Looking a bit like something out of the movie Strange Days, the device can capture brain activity 2,000 times per second and relay that information via that bluetooth connection to your smartphone, tablet or home computer. The device has many uses, one being a hands free ‘mouse’ controlled in one incredible TED Conference video, by mere thought. Another is watching the brain for ‘happy’ or ‘sad’ readings as you scan your digital paper or watch a commercial to then relay that information to marketers and analytics teams to offer realtime insight for advertisers.
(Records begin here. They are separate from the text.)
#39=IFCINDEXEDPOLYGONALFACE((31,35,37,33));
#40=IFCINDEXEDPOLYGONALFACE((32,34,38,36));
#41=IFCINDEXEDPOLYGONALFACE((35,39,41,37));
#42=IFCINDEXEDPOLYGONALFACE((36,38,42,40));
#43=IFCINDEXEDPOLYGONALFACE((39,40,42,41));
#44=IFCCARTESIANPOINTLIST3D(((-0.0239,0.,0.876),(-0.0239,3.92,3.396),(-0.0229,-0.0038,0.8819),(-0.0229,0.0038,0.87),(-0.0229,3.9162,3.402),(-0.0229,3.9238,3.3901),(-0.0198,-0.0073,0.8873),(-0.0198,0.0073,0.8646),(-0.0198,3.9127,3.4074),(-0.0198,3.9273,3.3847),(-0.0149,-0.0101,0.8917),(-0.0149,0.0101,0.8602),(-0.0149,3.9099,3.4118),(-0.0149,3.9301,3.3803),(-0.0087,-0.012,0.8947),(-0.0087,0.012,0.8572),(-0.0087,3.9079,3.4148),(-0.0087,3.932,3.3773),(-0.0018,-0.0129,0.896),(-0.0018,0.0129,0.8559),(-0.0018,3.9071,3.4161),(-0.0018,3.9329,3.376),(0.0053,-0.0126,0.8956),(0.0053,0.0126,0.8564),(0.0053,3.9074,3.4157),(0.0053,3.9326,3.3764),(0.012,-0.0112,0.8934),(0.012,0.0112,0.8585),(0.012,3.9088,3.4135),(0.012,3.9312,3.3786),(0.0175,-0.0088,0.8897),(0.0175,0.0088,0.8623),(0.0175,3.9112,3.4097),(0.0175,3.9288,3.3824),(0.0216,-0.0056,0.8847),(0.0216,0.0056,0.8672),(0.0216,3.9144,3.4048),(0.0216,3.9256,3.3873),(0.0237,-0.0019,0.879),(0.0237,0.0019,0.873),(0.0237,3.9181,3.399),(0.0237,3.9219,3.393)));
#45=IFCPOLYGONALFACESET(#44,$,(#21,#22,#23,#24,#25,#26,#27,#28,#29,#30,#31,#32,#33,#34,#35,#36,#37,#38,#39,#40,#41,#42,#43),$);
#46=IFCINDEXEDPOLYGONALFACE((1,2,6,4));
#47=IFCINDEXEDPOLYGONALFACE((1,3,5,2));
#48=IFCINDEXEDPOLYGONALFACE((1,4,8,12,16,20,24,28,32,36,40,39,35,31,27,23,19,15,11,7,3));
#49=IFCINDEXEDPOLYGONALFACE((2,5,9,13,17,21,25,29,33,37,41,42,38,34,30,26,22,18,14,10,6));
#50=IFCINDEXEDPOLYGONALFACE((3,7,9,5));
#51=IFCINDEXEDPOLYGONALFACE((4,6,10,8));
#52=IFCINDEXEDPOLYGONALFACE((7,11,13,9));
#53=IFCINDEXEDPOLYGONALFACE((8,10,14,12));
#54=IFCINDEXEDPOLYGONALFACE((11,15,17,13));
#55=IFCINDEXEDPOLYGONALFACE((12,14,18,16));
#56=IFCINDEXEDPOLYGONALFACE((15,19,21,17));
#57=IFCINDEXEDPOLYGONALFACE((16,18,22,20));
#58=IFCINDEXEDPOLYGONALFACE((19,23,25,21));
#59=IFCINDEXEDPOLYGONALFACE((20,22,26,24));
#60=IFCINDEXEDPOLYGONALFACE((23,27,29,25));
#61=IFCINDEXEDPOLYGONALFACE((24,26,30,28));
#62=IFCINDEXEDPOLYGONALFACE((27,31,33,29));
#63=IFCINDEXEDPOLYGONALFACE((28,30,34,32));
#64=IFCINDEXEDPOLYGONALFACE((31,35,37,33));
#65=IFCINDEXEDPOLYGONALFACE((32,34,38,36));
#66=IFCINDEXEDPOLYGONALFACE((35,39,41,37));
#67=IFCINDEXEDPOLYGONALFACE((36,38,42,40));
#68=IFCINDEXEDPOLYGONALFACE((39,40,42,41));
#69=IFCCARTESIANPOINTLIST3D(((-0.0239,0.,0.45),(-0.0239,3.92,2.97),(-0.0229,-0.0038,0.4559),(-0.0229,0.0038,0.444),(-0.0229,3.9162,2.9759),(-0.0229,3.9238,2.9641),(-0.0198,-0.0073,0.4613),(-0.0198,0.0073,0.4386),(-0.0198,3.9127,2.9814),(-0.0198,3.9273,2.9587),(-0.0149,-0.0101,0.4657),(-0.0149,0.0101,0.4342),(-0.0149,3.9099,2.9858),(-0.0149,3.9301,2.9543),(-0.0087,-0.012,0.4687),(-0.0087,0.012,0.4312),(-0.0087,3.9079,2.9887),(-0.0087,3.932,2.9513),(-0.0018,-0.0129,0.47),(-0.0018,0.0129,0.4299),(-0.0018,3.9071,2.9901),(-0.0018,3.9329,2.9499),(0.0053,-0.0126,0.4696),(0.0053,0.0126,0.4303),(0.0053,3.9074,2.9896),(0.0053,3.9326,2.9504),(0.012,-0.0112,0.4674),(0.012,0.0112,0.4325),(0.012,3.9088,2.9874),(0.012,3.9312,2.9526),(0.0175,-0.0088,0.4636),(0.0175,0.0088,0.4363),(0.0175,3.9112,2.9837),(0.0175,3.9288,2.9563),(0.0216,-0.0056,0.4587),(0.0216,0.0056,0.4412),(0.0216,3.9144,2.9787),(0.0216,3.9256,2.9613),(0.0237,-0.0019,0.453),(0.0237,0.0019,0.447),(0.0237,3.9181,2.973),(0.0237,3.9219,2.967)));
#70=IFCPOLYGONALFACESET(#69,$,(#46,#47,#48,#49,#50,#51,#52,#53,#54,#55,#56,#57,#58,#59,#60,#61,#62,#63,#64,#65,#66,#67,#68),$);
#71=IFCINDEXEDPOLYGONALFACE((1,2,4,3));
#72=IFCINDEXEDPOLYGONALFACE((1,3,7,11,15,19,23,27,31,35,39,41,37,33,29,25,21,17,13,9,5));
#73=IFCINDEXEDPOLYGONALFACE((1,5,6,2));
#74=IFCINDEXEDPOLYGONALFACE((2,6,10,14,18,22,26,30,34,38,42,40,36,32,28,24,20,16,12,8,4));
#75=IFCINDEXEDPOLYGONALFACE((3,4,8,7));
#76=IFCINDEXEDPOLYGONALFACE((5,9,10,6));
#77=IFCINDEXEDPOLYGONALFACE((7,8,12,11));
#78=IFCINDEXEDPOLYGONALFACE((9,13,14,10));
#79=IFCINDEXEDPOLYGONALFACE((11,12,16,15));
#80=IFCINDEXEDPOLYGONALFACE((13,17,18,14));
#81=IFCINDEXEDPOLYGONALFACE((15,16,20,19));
“NeuroFocus leverages ground-breaking neuroscience and expertise to measure consumer attention, engagement and memory retention through brainwave, eye-tracking and skin conductance measurements.” The company stated in a recent press release.
With so much hardware already in place, touchscreen phones can register the force of our taps and built-in cameras are in just about everything digital these days, how long will it really be before your computer can tell when you’ve had a long day and need some soothing music or maybe suggest a new restaurant based on your subconscious reaction to a commercial you recently saw for italian food?
We Like the Moon
‘Cause it is close to us. (Be careful not to have your speakers up too loud when you click that!)
All silliness and Spongmonkeys aside, we also like the moon because there is going to be a spectacular total lunar eclipse on the morning of Tuesday, December 21st! In the Eastern Standard Time zone it is all going to start around 1:30 am, be totally eclipsed at 3:17 am, and finish up at 5:01 am.
An eclipse like this doesn’t happen all that often, the last one was on February 21, 2008, and those of us in North America and parts of western Europe are in the absolute perfect area for viewing. So if you can drag yourself out of bed, it should be a spectacular sight!